A influência barroca encontra-se logo no início de “Birth” através do cravo o qual é usado em sua introdução. Logo tem a entrada da bateria com um órgão de fundo que em seguida tem como acompanhamento a flauta. Contém peças pesadas de flautas, melodias psicodélicas suaves e um forte trabalho de órgão. Aqui sem dúvida que a banda desempenha o seu papel de maneira extremamente inspirada, com texturas de músicas clássicas principalmente por parte do cravo. Sem deixar jamais de esquecer os movimentos virtuosos da guitarra de Akkerman, com direito a solos pesados. 

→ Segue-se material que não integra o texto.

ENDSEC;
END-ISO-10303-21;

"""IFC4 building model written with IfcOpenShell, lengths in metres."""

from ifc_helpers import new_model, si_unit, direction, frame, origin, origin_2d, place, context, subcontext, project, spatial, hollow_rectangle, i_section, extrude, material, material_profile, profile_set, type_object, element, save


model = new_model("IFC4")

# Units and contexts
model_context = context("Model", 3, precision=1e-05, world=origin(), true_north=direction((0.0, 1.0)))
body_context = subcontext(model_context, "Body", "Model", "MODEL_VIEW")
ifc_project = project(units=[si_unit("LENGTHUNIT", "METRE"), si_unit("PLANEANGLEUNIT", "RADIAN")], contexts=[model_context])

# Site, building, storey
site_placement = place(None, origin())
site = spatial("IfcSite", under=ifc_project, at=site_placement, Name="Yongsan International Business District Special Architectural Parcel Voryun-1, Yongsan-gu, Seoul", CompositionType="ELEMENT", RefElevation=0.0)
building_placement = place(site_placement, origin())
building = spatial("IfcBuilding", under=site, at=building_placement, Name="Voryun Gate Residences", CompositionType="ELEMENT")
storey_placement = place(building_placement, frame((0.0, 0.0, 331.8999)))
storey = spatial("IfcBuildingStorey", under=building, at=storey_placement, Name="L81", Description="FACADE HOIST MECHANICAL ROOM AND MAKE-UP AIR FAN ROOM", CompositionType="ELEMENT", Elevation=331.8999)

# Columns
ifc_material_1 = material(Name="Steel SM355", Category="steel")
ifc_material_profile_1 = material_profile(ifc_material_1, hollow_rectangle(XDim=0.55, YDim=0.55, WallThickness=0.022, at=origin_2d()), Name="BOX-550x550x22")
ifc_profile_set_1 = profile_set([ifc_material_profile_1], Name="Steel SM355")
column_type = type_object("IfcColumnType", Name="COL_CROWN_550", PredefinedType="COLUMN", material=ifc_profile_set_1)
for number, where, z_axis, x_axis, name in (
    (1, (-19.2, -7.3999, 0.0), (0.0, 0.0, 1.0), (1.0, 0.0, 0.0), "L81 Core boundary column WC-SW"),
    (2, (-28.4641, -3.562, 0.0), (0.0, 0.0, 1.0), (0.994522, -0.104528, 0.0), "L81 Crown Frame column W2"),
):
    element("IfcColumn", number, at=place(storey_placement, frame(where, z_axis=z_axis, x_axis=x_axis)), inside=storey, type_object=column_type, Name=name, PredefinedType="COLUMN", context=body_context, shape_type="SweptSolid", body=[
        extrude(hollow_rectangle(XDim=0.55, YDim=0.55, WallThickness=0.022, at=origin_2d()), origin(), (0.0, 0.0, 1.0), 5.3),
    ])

“Hamburger Concerto”, música homônima ao disco, é uma verdadeira aula. A faixa central do trabalho é simplesmente maravilhosa em seus mais de vinte minutos de puro rock progressivo, misturas incríveis de estilos e gêneros que vão desde o barroco puro a versão holandesa do Flamenco. O som sinfônico é proeminente, Leer e Akkerman estão em suas melhores formas aqui. Em momento algum da carreira da banda podemos desfrutar de tamanha genialidade como nesse caso. Em cerca de seis minutos e meio, Leer tem algumas performances idiossincrática e altas divagações de falsete campais. Seu estilo basicamente inimitável que ficou famoso em "Hocus Pocus". Seu solo de hammond que vem a seguir é um verdadeiro deleite. Tudo vai sendo cadenciado como uma obra prima e mal notamos o tempo passar. Os solos de guitarra de Akkerman também são de arrepiar. A faixa mesmo sendo instrumental, além das "brincadeiras" vocais de Leer, também possui em sua parte mais do fim coros que ajudam a aumentar a suas grandeza épica.

O álbum finaliza com outra música curta, mas bastante inspirada (pena que muitas vezes esquecida por conta do impacto causado pelo épico da faixa anterior). “Early Birth” possui ótimos órgãos e um trabalho de guitarra de extrema beleza. 

É isso, uma das maiores joias do progressivo a serem produzidas fora do seu principal (mas não único) berço e que merece ser sem dúvida alguma apreciada pelo amante de uma boa música em geral.